Daydream Sanctuary Features

Friday, July 22, 2011

A Game of Thrones (A Song of Ice & Fire #1) - Epic Fantasy Filled with Politics, Bloodshed, and Pr0nz!

A Game of Thrones (A Song of Ice and Fire #1)
By George R. R. Martin
King Robert: The throne sucks. Ruling isn't for me.
Queen Cerseri: Indeed. (Can't wait for you to die, pig.)
King Robert: So I'll make my best friend do the troublesome job for me. Hey Ned!
Lord Eddard: What is it, Your Grace?
King Robert: Whether you like it or not, I'm making you the Hand of the King! No need to thank me! (w00t! More play time!)
Lord Eddard: I'm very honoured... (my ass. No thanks for making my life miserable)
Queen Cerseri: (My "People to Assassinate" List has become longer.)

SETTING:
Fictional World. Medieval Times.
ELEMENTS:
Throne. War. Kingdom. Stag. Lion. Wolf. Dragon. Blood. Traitor. Forest. Wall.
GENRE:
Political. Fantasy. Historical. Drama. Action.
WARNING:
Sex. Rape. Incest. Prostitution. Violence. Gore.
RATING:
B+ (IMPRESSIVE!)

FAVORITISM:
3.5 Hearts ---> LOVE

I was told to read this because it has a lot of porn many say that this is one of the greatest epic fantasies ever written. Well, I agree that it has been very remarkable... but I don't find it that great.

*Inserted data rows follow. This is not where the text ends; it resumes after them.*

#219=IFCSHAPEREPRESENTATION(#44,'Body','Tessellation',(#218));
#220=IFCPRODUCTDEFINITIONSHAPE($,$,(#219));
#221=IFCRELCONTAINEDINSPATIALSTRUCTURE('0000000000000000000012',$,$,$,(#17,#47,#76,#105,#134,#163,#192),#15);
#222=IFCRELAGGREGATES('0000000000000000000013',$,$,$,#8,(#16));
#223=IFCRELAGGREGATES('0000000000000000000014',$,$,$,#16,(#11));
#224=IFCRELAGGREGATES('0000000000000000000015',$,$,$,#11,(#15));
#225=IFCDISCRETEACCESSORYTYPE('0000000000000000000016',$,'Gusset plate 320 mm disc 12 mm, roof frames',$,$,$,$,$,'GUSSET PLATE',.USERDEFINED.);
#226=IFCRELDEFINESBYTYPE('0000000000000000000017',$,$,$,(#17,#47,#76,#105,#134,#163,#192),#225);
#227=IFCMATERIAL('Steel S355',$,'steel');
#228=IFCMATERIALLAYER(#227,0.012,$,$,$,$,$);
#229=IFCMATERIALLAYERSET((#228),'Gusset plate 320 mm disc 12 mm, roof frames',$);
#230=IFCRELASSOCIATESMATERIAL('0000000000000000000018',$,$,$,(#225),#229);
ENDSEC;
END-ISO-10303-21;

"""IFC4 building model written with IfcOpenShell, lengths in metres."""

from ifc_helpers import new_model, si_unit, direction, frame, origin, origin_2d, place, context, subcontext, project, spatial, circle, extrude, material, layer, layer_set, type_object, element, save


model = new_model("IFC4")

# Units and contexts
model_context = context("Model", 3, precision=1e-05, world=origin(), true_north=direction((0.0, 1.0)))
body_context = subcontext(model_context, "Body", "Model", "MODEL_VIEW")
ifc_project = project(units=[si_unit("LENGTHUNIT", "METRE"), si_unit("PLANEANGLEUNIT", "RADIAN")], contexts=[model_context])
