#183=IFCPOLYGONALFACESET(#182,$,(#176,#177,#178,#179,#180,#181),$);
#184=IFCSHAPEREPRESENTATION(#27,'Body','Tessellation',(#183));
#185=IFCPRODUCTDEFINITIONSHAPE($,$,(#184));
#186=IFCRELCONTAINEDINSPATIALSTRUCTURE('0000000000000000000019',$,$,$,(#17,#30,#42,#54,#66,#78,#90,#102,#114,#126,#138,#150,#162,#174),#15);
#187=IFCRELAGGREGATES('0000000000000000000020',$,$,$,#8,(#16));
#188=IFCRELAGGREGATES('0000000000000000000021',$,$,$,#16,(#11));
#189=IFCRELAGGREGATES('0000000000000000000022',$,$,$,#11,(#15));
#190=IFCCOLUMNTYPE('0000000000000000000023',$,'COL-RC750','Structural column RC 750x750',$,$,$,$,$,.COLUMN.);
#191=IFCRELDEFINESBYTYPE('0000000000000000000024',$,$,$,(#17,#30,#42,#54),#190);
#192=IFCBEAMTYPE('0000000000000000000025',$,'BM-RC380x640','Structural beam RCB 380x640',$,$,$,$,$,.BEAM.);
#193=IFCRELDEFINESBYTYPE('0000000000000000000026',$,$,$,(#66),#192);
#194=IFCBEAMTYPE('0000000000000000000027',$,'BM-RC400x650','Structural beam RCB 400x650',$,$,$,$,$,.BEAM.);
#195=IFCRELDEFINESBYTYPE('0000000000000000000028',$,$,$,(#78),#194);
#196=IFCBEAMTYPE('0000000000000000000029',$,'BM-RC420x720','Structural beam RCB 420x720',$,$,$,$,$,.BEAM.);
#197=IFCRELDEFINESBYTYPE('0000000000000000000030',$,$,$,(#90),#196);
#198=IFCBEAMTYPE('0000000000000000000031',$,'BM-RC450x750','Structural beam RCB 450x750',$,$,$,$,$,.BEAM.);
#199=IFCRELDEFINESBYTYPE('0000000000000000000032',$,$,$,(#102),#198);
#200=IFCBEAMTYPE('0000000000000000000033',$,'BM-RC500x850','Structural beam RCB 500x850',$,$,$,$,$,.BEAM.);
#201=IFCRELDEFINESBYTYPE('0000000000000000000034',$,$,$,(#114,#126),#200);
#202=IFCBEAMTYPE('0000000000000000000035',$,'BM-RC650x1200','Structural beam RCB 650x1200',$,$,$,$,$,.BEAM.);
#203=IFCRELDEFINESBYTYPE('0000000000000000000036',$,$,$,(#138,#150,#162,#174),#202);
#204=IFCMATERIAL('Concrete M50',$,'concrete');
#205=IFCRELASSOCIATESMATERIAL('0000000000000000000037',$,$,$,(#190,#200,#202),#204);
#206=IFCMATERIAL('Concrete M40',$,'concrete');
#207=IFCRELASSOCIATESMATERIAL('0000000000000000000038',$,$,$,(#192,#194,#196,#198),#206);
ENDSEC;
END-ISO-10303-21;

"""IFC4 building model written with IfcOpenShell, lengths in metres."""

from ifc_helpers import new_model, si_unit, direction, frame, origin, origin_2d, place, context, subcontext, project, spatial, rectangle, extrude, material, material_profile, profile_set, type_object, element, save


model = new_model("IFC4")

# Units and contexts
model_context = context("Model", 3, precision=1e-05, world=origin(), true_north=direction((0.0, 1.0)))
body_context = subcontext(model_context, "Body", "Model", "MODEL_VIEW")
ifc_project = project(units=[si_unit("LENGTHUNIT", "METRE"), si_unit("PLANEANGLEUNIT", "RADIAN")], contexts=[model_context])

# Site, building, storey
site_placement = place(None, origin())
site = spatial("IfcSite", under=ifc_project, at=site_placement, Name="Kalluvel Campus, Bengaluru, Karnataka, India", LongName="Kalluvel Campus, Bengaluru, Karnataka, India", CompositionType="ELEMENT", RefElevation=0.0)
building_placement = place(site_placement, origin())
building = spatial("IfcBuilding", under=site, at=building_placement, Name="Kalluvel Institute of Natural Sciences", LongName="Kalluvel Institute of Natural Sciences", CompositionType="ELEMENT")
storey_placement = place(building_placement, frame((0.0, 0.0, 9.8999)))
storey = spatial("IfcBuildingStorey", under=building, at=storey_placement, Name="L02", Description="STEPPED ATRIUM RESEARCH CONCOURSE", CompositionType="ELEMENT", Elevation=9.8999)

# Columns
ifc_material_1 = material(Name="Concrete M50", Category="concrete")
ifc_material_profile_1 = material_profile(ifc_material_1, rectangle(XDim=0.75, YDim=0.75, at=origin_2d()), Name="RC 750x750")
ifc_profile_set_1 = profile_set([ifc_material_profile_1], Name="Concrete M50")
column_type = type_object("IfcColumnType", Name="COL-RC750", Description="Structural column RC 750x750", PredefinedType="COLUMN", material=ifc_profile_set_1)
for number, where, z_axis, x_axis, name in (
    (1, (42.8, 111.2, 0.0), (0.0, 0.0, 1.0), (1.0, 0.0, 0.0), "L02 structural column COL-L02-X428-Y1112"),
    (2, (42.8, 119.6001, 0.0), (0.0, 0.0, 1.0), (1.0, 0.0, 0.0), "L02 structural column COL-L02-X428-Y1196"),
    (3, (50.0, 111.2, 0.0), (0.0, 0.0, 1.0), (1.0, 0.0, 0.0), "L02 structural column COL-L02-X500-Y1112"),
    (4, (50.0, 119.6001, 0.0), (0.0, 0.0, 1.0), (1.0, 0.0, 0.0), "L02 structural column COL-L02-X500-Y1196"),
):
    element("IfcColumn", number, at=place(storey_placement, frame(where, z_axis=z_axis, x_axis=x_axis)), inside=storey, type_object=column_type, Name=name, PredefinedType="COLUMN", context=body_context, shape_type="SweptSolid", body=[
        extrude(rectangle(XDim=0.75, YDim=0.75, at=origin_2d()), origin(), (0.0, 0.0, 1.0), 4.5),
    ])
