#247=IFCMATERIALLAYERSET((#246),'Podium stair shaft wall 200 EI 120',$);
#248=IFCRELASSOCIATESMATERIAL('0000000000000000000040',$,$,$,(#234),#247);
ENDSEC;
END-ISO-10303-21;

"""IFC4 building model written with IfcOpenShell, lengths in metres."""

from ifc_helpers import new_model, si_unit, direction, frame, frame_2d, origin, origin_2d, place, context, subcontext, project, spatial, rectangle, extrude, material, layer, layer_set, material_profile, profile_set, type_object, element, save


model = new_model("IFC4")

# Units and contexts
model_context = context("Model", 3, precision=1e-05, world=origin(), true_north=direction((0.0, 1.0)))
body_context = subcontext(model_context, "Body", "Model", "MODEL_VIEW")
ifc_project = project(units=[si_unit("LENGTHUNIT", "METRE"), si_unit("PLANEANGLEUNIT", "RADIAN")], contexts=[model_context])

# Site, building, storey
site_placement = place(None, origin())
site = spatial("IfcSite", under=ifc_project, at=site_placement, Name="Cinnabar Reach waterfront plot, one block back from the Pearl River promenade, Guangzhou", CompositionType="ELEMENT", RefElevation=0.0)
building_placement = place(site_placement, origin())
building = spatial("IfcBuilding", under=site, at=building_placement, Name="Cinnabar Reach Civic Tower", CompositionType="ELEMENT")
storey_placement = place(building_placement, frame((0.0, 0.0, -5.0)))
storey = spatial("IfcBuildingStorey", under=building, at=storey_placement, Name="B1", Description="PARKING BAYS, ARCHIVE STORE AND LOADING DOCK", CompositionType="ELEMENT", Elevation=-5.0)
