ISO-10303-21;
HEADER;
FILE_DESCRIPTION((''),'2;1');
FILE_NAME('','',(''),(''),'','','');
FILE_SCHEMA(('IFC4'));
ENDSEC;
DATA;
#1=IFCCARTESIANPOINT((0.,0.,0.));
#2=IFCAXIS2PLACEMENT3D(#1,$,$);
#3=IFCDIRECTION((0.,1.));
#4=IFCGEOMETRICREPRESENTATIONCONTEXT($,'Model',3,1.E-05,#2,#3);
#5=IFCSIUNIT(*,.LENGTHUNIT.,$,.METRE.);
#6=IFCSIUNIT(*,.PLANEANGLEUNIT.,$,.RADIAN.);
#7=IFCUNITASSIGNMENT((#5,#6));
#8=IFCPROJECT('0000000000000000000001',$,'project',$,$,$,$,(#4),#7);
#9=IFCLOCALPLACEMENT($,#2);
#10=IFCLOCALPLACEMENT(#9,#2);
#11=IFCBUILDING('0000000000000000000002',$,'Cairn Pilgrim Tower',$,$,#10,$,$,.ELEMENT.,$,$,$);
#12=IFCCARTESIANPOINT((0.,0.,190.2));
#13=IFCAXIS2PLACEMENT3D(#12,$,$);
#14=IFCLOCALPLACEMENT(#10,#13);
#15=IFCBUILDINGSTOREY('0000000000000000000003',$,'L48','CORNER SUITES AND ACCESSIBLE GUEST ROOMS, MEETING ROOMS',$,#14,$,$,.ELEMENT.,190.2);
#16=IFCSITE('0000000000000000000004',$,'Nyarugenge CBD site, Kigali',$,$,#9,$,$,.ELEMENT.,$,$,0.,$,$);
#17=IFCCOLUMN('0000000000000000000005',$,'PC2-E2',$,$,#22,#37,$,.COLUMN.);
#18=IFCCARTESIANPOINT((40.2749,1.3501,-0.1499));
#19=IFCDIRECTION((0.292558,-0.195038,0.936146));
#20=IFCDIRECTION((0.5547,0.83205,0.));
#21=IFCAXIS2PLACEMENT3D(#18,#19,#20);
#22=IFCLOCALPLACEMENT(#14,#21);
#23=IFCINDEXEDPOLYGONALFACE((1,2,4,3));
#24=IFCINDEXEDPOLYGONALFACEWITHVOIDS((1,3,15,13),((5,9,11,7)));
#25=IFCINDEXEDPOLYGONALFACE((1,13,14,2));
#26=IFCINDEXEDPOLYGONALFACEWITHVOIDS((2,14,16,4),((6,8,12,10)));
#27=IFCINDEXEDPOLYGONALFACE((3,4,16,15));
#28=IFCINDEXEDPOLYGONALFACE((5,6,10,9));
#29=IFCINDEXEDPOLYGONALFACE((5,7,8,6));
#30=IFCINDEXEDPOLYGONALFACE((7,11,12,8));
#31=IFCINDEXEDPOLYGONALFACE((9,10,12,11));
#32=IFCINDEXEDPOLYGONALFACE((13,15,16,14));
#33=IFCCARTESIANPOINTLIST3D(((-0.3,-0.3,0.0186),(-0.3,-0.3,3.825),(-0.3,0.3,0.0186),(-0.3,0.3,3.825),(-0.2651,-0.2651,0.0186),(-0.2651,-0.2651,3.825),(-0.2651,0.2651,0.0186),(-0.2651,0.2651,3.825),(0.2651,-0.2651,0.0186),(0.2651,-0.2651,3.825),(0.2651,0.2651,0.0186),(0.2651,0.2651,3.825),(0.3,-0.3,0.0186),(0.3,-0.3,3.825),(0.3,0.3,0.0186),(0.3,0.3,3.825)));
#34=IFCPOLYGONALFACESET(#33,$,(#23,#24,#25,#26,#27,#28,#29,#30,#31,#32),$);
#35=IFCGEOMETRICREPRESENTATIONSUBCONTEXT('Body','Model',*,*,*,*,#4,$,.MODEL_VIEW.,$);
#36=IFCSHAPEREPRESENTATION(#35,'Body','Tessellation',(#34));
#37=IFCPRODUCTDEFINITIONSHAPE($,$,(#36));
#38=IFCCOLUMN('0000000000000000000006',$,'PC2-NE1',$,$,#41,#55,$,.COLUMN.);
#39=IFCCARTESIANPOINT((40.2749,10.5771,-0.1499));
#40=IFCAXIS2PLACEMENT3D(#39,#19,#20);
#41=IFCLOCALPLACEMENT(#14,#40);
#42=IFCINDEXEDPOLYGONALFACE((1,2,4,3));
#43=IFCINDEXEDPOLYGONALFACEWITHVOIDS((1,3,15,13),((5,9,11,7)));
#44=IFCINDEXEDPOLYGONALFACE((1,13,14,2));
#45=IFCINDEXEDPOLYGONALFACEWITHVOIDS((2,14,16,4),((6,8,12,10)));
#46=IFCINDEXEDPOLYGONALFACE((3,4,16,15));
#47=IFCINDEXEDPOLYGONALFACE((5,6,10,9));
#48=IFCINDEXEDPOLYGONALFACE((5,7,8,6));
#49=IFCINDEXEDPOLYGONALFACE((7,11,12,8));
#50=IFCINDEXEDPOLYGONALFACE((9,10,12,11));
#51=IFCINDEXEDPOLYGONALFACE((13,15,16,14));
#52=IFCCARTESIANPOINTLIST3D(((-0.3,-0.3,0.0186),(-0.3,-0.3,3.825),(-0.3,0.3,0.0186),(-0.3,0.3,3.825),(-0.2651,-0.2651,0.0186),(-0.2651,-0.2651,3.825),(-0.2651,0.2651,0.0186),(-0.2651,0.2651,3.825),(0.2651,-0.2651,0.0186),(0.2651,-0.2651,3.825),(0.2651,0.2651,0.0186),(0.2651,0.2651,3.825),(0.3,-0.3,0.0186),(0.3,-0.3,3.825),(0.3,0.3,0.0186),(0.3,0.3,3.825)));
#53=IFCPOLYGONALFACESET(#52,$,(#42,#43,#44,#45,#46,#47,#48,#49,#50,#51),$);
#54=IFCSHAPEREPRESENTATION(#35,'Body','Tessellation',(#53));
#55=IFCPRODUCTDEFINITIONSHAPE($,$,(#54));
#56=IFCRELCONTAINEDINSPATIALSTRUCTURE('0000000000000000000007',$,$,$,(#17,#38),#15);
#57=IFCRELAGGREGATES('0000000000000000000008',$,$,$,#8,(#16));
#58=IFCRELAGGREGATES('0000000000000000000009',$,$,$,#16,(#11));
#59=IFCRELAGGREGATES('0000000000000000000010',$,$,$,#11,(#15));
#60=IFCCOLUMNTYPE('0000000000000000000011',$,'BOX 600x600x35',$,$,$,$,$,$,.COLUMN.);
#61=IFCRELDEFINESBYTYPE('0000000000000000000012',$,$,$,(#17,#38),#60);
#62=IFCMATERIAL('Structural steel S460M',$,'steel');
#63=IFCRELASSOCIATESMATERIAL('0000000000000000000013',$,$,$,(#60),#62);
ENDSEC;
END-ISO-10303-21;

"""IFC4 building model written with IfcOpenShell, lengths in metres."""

from ifc_helpers import new_model, si_unit, direction, frame, origin, origin_2d, place, context, subcontext, project, spatial, hollow_rectangle, extrude, clip, halfspace, material, material_profile, profile_set, type_object, element, save


model = new_model("IFC4")

# Units and contexts
model_context = context("Model", 3, precision=1e-05, world=origin(), true_north=direction((0.0, 1.0)))
body_context = subcontext(model_context, "Body", "Model", "MODEL_VIEW")
ifc_project = project(units=[si_unit("LENGTHUNIT", "METRE"), si_unit("PLANEANGLEUNIT", "RADIAN")], contexts=[model_context])

# Site, building, storey
site_placement = place(None, origin())
site = spatial("IfcSite", under=ifc_project, at=site_placement, Name="Nyarugenge CBD site, Kigali", CompositionType="ELEMENT", RefElevation=0.0)
building_placement = place(site_placement, origin())
building = spatial("IfcBuilding", under=site, at=building_placement, Name="Cairn Pilgrim Tower", CompositionType="ELEMENT")
storey_placement = place(building_placement, frame((0.0, 0.0, 190.2)))
storey = spatial("IfcBuildingStorey", under=building, at=storey_placement, Name="L48", Description="CORNER SUITES AND ACCESSIBLE GUEST ROOMS, MEETING ROOMS", CompositionType="ELEMENT", Elevation=190.2)

# Columns
ifc_material_1 = material(Name="Structural steel S460M", Category="steel")
ifc_material_profile_1 = material_profile(ifc_material_1, hollow_rectangle(XDim=0.6001, YDim=0.6001, WallThickness=0.0349, at=origin_2d()), Name="BOX 600x600x35")
ifc_profile_set_1 = profile_set([ifc_material_profile_1], Name="Structural steel S460M")
column_type_1 = type_object("IfcColumnType", Name="BOX 600x600x35", PredefinedType="COLUMN", material=ifc_profile_set_1)
for number, where, z_axis, x_axis, name in (
    (1, (40.2749, 1.3501, -0.1499), (0.292558, -0.195038, 0.936146), (0.5547, 0.83205, 0.0), "PC2-E2"),
    (2, (40.2749, 10.5771, -0.1499), (0.292558, -0.195038, 0.936146), (0.5547, 0.83205, 0.0), "PC2-NE1"),
):
    element("IfcColumn", number, at=place(storey_placement, frame(where, z_axis=z_axis, x_axis=x_axis)), inside=storey, type_object=column_type_1, Name=name, PredefinedType="COLUMN", context=body_context, shape_type="Clipping", body=[
        clip(clip(extrude(hollow_rectangle(XDim=0.6001, YDim=0.6001, WallThickness=0.0349, at=origin_2d()), origin(), (0.0, 0.0, 1.0), 3.8455), halfspace(frame((0.0, 0.0, 0.0186), z_axis=(0.0, 0.0, 1.0), x_axis=(1.0, 0.0, 0.0)), True)), halfspace(frame((0.0, 0.0, 3.825), z_axis=(0.0, 0.0, 1.0), x_axis=(1.0, 0.0, 0.0)), False)),
    ])

save(model, "model.ifc")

This novel is set in an imaginative world where dragons existed and corpses can move. But for a fantasy series, it didn't give much emphasis on its fantasy elements but focused more on its political side. The supernatural phenomena in this novel were mere story threads, and in my opinion, that's not very good.

It's alright to do something different from what's typical. I think one of its strong points is that for a fantasy series, it's full of realism. But if a fantasy series won't be much like its main genre at all, it fails as a fantasy series. It's a similar case to a horror story that's not scary, and a funny story that can't even make its readers smile.

Too bad. Those were the parts which I find most interesting. However, those parts felt like they were just there for the sake of putting this series under the fantasy category. I really wonder why it isn't part of the main plot of this book.

Speaking of plots, the novel has quite a number of subplots. They are related... but for some reason the author's not connecting them. In this novel we would be able to read the side of the current kingdom, and also the side of a fallen kingdom that's planning to revolt. However, though we know what's going on with each side, there hadn't been any major confrontation between the two (flashbacks are excluded). It felt more like reading two or more novels in one book, than reading one book that consists of a lot of stories yet closely connected to each other.

No wonder the novel's freakin' long.

Moreover, for a lengthy novel, the events which occurred in it aren't as many as it seemed. Many of the pages have been wasted by the details, where most of them seemed irrelevant, and by the character's emotions (like how much a certain girl loves her prince charming), which were totally unnecessary.

The chapters in this novel are narrated depending on the chapter title character's perspective. The author has no intention of boring you with an ominous narrator, nor did he intend to focus on one character's point of view. But he won't show mercy on the reader on just sharing the point of view of the decent characters, and he won't show favoritism on which character lives or dies either.

Now this is what I love about the way characters are treated in this novel: There's no bias. Main characters aren't immune to death. Whether a character is a major or minor one, a protagonist or an antagonist, if he or she does something stupid, the author won't make any miracle to save him or her. He or she shall face the consequences of his actions or be cursed/blessed for what he or she is, no matter what his or her role in the story is.

I like the characterization in this novel's cast... they all felt real. None of them possess perfection, and each have despicable and admirable traits... the levels just vary per character. They are beautiful and ugly at the same time. No matter the age, they could act matured or childish. They have their clever moments... but also really stupid moments. None have been absolutely evil, and I doubt any of them would remain as pure angels until the end.

There's no shame or censorship in this. It is not afraid of showing how brutal, pathetic, and perverted humanity can be. I admit that it felt pretty excessive at times... so much that no wonder this novel has become quite popular because of its sex scenes, ahaha.

But overall, this novel is mainly a political soap opera with nobles fighting over the throne. I like the twists and the political intrigue. I'm impressed with the witty characters and adore the loving ones. The family moments have been really touching... reading about those scenes made me shed tears.

I look forward to watching its television series soon, and I'm reading the sequel right now. Hopefully the adaptation was as fantastic as they said, and the sequel will be better than this one.